Admittedly it's more due to the UK's peculiar form of taxation (in a netshell:
occupiers of houses pay "council tax" rather than owners paying "property
tax"). But the website is a little dated, I hear they re-instated a ring-
fenced sales tax on cars that will go towards road development.

------
maxsilver
There's this assumption that are $15-$18 per square foot.

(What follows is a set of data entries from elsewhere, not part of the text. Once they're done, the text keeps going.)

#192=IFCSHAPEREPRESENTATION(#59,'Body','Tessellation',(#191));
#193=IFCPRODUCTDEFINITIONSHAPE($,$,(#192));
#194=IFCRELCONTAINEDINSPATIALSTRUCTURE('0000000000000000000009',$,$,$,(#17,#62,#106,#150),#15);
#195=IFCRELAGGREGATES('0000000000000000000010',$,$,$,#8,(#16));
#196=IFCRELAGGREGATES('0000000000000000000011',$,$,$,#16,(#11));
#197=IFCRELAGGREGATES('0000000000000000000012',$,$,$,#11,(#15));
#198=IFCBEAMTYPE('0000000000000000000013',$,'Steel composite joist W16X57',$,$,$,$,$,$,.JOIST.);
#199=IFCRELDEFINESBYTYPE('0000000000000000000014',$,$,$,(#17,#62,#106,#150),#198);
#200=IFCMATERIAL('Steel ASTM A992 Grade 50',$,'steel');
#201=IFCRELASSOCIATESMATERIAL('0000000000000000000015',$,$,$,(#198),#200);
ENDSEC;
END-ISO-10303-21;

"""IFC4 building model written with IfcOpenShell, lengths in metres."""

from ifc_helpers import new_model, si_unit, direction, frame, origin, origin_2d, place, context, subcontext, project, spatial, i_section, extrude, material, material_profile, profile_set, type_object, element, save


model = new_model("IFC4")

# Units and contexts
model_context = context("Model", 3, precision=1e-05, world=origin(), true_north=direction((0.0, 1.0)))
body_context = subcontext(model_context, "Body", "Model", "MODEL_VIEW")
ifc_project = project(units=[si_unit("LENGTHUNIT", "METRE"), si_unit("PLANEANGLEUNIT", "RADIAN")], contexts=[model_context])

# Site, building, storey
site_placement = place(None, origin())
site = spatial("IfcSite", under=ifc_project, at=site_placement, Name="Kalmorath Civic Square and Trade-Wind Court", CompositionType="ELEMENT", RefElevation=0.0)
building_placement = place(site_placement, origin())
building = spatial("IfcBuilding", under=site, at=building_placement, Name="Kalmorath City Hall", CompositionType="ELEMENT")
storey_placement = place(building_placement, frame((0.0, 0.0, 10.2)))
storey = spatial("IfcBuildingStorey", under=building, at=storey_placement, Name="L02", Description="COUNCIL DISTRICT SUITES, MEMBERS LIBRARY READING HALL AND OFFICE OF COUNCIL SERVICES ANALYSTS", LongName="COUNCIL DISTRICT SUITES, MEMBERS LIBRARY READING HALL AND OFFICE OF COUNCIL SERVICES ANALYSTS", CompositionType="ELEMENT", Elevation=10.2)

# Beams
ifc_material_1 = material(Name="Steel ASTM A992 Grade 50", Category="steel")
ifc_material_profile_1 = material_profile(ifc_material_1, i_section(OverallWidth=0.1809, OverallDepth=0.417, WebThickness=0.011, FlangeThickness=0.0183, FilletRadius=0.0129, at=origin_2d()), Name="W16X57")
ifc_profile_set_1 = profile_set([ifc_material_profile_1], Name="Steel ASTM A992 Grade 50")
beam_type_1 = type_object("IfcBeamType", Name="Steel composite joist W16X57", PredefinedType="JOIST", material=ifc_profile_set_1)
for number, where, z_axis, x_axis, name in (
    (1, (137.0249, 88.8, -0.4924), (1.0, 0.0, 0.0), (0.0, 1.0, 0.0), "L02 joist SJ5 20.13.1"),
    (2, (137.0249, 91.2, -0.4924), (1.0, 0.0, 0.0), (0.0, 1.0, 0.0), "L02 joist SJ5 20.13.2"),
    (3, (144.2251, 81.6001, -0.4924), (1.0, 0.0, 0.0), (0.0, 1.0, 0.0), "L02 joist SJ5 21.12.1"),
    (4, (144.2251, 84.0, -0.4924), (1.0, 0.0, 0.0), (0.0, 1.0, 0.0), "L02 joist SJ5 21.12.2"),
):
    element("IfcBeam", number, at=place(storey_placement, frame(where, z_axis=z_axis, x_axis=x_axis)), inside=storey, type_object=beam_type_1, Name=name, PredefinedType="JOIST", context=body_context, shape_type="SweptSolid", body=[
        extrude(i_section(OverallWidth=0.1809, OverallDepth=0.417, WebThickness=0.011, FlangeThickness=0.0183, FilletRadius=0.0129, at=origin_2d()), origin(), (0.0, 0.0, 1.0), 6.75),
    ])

I'm no expert here,
but I think that number might be roughly double what cities actually pay,
based on this document from the State of Michigan :
[https://www.michigan.gov/documents/Vol2-40UIP16SubDevCosts-Y...](https://www.michigan.gov/documents/Vol2-40UIP16SubDevCosts-
YardCosts-Demolition_121083_7.pdf)

It's a decade old, but I'm seeing only $8/square foot cost, not $15+. Using
the rest of the authors map + numbers, the majority of properties are now
actually covering their street costs, with some room to spare for extras (such
as curbs, sewers, sidewalks, etc, which suburban sprawl-type streets typically
don't have).

Of course, Michigan roads are infamous for being terrible -- this might be the
reason.

It might also be worth considering that a lot of high-end sprawl costs the
city nothing in maintenance for their roads, since they are privately paved /
plowed / maintained by HOAs.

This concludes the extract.